Pas une semaine sans que ne paraisse une nouvelle étude triomphante sur le potentiel de l'intelligence artificielle (IA) dans le diagnostic médical. Détection de nodules cancéreux, de rétinopathie diabétique ou de fractures de la hanche : dès que la reconnaissance d'image entre en jeu, la machine semble en mesure de se confronter aux meilleurs experts humains. Mais la première méta-analyse sur le sujet, publiée dans The Lancet Digital Health, invite à tempérer son enthousiasme.

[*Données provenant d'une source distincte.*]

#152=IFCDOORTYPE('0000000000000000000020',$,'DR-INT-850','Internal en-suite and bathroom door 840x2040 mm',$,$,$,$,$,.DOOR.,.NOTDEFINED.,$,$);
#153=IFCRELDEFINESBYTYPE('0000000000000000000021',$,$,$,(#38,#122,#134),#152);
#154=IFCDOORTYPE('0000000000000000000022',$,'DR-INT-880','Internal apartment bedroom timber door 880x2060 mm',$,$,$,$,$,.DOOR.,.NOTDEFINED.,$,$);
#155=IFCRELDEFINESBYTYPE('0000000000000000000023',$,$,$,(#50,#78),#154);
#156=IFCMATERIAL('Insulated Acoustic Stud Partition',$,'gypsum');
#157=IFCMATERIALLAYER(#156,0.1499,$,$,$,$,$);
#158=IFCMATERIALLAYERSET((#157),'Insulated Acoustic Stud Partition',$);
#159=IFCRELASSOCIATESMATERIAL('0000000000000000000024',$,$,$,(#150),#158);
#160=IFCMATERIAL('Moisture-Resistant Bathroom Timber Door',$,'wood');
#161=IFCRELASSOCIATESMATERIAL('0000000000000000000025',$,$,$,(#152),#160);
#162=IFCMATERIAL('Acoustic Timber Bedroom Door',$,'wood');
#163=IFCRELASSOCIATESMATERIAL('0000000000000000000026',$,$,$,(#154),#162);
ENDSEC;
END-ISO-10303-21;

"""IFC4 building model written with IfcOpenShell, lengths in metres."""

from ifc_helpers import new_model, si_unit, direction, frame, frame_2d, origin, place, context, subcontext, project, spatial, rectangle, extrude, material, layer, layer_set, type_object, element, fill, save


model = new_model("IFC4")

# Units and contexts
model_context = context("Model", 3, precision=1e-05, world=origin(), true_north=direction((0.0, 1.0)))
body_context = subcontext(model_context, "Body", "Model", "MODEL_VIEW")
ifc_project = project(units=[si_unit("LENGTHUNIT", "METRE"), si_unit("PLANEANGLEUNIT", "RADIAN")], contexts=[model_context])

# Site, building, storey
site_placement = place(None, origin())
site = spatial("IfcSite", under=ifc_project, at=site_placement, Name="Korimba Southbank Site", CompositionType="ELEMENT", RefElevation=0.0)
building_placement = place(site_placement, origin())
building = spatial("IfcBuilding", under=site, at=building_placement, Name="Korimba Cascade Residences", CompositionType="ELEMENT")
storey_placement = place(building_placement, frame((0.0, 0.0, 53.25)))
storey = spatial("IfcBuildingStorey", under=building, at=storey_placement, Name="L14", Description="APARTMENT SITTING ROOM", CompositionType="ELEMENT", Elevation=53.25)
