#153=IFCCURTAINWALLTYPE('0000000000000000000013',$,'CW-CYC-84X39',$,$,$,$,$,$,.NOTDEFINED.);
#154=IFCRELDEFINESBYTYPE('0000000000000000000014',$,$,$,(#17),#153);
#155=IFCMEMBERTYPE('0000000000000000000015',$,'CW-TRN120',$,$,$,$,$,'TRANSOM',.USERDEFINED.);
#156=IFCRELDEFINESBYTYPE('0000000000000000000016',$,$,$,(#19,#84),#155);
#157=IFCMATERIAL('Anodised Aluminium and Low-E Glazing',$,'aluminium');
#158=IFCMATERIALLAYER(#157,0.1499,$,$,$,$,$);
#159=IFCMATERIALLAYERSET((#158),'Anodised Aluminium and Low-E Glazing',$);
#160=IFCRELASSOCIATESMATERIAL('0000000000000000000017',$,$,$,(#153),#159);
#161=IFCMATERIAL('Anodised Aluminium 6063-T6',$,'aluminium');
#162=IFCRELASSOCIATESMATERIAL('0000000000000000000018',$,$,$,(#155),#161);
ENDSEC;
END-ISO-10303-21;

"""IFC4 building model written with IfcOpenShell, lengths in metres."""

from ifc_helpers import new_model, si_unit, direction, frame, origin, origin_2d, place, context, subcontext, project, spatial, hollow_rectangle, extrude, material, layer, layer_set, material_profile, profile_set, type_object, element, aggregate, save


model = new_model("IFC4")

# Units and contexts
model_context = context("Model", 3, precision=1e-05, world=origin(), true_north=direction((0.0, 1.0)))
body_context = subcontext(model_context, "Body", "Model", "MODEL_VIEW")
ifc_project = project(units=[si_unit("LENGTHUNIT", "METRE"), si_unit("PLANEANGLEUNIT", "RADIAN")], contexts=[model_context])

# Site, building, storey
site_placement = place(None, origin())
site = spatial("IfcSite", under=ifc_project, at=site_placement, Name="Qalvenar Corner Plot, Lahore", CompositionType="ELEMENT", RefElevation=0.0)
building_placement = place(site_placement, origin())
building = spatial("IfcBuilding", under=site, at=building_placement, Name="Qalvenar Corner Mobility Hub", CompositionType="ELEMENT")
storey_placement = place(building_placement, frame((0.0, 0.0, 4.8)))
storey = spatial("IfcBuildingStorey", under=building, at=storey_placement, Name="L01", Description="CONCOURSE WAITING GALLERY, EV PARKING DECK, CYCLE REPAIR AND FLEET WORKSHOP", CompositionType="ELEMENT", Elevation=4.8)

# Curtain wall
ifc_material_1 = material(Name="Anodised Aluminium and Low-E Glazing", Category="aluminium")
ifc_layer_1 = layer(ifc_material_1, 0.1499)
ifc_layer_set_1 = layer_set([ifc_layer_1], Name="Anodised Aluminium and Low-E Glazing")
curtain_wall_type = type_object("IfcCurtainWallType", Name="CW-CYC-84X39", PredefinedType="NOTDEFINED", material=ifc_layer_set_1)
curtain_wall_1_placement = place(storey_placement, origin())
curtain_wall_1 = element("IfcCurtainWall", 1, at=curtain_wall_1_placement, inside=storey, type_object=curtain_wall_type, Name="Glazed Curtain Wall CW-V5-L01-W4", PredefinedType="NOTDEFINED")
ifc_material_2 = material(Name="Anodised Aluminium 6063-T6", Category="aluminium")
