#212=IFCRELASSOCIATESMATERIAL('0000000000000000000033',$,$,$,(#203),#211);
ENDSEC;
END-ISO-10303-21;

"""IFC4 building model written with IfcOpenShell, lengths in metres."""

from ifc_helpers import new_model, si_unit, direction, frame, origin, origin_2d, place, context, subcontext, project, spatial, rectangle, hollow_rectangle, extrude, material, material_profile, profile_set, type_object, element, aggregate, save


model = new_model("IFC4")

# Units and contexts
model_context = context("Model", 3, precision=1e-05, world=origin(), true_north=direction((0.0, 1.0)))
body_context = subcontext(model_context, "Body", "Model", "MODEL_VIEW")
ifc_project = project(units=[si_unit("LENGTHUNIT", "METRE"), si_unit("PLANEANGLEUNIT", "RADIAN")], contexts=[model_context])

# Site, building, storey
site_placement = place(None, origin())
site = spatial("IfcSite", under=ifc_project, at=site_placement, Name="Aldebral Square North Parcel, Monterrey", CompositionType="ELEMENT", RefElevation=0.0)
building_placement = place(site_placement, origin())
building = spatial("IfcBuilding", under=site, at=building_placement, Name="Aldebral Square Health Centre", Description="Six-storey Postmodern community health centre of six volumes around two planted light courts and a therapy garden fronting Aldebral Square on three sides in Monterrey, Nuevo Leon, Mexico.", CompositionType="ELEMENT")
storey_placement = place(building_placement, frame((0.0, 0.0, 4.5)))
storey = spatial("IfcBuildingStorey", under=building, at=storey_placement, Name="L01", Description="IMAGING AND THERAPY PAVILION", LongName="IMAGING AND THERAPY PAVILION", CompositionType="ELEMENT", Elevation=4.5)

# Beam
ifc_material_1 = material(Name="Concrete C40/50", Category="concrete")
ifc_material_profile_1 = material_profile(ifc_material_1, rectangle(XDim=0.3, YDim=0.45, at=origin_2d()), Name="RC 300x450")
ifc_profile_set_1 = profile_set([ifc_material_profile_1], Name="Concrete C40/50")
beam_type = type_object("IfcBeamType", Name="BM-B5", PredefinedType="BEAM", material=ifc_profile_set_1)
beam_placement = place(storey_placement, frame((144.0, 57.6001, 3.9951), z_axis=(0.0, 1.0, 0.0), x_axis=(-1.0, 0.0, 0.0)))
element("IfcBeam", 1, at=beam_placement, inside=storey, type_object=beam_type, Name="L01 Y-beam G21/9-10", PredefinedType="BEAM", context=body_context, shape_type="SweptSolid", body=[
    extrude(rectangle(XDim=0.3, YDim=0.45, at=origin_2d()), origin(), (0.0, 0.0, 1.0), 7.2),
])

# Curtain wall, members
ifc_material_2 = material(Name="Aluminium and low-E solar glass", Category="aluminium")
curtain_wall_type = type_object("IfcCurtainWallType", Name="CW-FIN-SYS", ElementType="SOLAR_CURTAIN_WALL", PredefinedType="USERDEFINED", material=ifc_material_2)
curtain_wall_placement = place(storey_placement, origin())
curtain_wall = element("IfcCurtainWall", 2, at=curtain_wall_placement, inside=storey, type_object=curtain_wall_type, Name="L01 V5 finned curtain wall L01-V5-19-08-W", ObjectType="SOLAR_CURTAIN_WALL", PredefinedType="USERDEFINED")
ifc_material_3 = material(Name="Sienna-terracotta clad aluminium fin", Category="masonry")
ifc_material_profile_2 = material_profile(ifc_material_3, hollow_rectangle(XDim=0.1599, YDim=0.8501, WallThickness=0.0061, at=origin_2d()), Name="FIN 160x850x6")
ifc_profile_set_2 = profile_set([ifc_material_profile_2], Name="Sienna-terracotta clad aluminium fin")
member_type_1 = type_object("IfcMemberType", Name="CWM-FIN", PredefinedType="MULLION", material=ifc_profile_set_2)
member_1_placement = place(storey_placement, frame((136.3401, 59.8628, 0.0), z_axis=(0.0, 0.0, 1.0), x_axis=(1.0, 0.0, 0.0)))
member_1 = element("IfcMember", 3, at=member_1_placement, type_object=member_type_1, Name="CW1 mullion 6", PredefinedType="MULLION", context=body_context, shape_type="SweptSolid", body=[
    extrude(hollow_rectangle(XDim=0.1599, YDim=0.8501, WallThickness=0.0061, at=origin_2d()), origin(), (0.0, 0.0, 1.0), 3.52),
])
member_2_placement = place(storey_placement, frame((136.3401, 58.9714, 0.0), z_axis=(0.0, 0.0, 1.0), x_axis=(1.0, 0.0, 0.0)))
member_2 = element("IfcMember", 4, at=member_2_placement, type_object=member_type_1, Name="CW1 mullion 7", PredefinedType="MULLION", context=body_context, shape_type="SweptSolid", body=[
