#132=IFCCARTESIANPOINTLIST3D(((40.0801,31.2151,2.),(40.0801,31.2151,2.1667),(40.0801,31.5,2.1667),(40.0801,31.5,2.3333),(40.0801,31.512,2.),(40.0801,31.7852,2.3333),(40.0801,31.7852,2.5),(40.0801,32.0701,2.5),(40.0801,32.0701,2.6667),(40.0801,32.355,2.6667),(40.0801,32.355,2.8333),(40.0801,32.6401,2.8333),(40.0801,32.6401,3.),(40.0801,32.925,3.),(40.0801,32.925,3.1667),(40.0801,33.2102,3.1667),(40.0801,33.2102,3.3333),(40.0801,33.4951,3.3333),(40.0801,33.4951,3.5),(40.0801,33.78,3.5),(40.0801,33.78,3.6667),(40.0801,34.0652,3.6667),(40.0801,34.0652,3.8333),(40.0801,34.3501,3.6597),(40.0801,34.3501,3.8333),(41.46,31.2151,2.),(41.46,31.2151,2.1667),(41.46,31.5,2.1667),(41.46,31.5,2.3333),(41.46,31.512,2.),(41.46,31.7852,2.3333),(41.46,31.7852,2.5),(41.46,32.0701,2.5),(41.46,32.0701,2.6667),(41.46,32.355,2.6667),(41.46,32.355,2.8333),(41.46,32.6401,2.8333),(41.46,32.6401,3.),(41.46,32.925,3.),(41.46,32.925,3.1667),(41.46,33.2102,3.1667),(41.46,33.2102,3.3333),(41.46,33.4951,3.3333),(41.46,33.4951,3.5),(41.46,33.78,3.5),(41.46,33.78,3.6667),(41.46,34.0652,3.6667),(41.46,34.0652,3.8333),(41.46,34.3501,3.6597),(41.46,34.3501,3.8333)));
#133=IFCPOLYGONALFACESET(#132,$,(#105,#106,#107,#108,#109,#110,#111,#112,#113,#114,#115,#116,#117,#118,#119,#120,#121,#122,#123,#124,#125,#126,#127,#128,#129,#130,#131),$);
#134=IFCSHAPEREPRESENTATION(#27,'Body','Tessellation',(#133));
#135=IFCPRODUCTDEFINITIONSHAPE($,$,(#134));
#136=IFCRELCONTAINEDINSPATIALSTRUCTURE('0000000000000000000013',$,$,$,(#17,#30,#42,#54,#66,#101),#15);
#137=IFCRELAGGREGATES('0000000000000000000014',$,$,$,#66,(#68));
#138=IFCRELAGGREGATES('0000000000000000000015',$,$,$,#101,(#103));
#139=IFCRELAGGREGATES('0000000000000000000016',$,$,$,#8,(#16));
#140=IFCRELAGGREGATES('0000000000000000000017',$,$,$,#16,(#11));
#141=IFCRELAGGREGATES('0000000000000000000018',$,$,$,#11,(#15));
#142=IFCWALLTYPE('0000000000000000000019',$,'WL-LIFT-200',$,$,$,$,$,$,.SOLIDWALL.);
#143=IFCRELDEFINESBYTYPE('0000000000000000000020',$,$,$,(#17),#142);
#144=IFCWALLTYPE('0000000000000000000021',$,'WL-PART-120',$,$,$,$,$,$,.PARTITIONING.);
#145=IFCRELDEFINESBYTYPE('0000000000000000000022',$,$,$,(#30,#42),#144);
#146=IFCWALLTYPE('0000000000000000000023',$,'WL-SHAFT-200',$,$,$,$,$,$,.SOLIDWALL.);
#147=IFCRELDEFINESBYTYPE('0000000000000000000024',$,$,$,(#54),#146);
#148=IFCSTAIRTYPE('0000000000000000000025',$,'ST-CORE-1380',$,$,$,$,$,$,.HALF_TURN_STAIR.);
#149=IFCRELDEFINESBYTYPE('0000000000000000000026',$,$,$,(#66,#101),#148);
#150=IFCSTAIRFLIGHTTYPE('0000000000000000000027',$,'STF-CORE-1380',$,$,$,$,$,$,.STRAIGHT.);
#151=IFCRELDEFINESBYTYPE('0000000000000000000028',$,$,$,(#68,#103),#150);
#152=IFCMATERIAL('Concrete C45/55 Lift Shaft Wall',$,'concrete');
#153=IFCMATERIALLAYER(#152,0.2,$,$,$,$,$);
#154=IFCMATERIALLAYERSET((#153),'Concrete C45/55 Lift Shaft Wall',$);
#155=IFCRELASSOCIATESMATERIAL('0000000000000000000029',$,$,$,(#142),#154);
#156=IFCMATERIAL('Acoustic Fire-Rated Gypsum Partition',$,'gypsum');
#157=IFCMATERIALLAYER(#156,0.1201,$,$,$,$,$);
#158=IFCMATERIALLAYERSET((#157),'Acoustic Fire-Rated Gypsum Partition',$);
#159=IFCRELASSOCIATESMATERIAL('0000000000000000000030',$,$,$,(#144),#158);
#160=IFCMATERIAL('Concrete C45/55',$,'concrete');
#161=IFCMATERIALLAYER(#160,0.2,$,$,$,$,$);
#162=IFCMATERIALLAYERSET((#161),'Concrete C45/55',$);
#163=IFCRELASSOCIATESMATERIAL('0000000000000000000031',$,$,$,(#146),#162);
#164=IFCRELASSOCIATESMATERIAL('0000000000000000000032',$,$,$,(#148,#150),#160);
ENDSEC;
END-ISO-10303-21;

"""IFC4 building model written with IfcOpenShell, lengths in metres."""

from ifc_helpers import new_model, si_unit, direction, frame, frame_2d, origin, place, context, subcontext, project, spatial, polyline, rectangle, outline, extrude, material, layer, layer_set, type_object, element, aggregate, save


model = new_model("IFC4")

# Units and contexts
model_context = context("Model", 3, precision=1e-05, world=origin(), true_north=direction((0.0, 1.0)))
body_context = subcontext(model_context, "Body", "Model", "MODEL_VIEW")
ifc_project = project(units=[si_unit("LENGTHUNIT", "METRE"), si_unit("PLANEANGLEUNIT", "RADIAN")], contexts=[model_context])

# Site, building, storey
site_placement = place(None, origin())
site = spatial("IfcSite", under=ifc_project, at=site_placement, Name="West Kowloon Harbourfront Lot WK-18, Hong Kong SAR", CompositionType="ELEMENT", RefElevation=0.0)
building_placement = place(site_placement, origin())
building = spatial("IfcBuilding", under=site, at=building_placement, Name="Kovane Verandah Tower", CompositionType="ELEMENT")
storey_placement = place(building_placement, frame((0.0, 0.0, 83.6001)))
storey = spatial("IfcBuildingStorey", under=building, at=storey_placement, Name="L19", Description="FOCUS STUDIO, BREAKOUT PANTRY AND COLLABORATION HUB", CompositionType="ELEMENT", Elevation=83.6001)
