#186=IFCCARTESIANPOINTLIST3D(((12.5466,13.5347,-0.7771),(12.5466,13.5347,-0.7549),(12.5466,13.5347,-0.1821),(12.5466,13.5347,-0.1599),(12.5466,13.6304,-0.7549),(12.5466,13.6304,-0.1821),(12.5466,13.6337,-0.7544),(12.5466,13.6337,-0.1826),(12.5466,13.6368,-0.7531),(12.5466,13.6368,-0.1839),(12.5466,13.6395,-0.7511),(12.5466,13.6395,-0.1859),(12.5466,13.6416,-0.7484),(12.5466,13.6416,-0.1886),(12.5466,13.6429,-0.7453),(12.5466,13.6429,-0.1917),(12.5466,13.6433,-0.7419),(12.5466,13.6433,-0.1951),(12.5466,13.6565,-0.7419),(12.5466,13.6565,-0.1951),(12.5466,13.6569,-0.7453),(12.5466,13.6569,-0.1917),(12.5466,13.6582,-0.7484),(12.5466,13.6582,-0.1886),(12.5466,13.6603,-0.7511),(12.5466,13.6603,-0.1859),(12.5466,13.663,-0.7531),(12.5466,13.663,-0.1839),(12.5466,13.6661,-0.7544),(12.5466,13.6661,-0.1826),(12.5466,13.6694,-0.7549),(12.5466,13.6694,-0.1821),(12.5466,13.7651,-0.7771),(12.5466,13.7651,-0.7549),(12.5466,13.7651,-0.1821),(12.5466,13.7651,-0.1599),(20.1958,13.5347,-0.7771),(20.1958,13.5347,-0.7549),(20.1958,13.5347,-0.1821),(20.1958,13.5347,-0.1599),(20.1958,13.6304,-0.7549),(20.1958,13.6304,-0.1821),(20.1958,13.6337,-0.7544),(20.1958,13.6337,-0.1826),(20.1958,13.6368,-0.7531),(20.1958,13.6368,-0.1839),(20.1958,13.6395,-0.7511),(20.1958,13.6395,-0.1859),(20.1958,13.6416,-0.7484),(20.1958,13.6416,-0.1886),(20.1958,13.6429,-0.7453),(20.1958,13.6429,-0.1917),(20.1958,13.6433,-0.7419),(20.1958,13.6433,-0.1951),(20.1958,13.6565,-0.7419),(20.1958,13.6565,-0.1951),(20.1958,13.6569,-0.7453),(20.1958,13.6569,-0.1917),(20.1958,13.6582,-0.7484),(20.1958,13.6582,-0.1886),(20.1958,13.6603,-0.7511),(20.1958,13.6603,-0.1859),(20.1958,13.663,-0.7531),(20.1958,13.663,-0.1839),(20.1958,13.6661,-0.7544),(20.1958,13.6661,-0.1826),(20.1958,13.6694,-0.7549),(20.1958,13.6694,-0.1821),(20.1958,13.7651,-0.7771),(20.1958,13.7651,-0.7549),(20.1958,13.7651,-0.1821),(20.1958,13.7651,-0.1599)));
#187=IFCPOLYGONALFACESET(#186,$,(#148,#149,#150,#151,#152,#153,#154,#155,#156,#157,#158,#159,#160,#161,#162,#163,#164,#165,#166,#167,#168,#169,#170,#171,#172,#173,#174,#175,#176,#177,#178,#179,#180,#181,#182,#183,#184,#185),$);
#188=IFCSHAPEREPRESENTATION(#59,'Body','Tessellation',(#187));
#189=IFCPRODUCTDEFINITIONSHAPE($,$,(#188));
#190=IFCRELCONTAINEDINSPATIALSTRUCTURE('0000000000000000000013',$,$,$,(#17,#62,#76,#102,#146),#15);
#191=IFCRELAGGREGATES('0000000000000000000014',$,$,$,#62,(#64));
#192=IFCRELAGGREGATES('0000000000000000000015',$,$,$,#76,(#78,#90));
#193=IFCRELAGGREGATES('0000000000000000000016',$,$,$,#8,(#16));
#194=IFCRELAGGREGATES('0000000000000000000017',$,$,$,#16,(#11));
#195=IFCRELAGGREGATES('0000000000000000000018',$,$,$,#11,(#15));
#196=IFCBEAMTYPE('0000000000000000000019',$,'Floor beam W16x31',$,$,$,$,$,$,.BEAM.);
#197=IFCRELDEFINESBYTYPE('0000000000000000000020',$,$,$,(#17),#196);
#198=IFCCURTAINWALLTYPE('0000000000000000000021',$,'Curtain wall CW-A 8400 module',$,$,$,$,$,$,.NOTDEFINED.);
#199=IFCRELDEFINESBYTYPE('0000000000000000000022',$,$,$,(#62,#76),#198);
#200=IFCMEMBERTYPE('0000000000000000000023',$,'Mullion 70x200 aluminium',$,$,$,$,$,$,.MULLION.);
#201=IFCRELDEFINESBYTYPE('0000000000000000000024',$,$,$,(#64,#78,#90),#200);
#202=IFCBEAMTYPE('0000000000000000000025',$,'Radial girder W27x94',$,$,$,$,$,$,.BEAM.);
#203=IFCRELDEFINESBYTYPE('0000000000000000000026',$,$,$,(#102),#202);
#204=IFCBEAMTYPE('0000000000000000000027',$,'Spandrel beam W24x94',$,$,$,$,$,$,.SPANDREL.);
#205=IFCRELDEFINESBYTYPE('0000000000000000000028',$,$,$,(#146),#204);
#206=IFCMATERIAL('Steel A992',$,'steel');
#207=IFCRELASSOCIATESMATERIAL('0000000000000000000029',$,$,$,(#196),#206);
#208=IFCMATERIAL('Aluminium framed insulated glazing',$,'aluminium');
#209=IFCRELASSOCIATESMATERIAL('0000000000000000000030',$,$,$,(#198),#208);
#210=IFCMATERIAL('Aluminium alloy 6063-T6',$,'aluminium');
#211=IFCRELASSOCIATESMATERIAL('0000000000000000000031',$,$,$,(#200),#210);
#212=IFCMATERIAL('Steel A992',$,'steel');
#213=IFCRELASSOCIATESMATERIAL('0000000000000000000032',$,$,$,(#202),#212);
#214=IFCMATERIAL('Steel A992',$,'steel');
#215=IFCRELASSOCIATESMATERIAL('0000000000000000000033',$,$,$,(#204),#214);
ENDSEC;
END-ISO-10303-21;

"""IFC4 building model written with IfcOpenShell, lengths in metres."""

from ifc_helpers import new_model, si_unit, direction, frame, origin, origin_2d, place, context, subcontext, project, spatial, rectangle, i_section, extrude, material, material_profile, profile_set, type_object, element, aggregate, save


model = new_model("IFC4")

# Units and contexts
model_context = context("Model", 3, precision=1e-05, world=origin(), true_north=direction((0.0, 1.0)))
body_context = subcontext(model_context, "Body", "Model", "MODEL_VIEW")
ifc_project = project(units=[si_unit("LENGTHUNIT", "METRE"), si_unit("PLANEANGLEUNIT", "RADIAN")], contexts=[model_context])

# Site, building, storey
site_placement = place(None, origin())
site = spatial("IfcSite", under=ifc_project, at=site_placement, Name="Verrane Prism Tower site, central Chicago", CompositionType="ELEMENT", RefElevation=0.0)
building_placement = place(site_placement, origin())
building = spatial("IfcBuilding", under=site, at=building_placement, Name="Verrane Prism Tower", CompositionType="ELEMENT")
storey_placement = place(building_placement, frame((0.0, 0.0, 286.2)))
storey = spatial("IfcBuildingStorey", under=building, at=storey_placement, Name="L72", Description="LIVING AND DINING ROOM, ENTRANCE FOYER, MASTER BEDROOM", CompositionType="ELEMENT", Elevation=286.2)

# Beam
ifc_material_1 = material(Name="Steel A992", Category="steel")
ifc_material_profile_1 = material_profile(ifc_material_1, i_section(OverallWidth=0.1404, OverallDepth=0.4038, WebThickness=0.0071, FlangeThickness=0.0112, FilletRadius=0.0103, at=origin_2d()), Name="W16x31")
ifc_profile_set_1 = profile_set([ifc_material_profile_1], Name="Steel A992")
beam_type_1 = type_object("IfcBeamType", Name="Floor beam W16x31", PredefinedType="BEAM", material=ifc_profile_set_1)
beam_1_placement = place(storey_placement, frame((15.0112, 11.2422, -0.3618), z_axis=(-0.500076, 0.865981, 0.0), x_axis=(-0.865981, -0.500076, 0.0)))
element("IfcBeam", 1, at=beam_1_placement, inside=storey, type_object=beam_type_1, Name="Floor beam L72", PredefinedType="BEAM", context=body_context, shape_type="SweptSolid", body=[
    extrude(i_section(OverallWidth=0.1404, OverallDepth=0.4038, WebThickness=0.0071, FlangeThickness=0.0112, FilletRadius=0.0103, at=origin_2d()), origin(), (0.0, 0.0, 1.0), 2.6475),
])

Les chercheurs, conduits par le Pr Alaistar Denniston, ophtalmologue et expert en IA à l'hôpital universitaire de Birmingham, ont passé au crible quelque 20 000 publications pour n'en retenir que 82 : les études postérieures à 2012 (date de mise au point des premiers algorithmes de deep learning, ou apprentissage profond), de bonne qualité méthodologique, ayant pour objet de comparer les performances de l'IA à celles des professionnels de santé en exercice.
"Nous avons passé en revue plus de 20 500 articles, mais moins de 1 % d'entre eux étaient conçus de manière suffisamment robuste et affichaient des résultats jugés fiables par nos experts indépendants", explique Alaistar Denniston dans un communiqué. "Qui plus est, seules 25 études ont réalisé une validation externe de leur modèle d'IA [en vérifiant les performances sur des données n'ayant pas servi à l'apprentissage, NDLR], et seules 14 d'entres-elles ont réellement comparé les performances de l'IA à celles des professionnels de santé en utilisant le même jeu de données", indique-t-il. Attention au miroir aux alouettes "Parmi les quelques études de bonne qualité, nous avons établi que le 'deep learning' pouvait effectivement détecter des maladies allant de cancers à des pathologies ophtalmiques avec autant d'exactitude que des professionnels de santé", conclut le chercheur. Sur 14 études cumulées, les modèles de "deep learning" obtenaient une sensibilité de 87 % et une spécificité de 92,5 % – des performances sensiblement équivalentes à celles des experts humains (86 % et 90,5 %). Mais le principal enseignement...
de ce travail est tout autre : un grand nombre d'études facilitent artificiellement la tâche à la machine, en l'évaluant dans un contexte éloigné de la pratique clinique ou, à l'inverse, en refusant aux experts humains des informations dont ils disposeraient en situation normale. Les données non rapportées sont légion et le champ compte très peu d'études prospectives en situation réelle. Autrement dit, la littérature scientifique est parcellaire et les conclusions qu'on peut en tirer, limitées. Intelligence artificielle : quelle incidence sur la pratique médicale ? "Les données sur l'effet des algorithmes d'IA sur l'état de santé des patients doivent provenir de comparaisons avec des tests diagnostiques alternatifs dans des essais contrôlés randomisés", estime le Dr Livia Faes (Moorfields Eye Hospital de Londres), un des auteurs leaders de l'étude. "Jusqu'à présent, il n'y a pratiquement aucun essai où les décisions diagnostiques de l'IA sont répercutées", de façon à évaluer l'effet concret sur le patient, en matière "décision de traitement, temps d'hospitalisation, ou même taux de survie". Source : A comparison of deep learning performance against health-care professionals in detecting diseases from medical imaging: a systematic review and meta-analysis, The Lancet Digital Health, septembre 2019.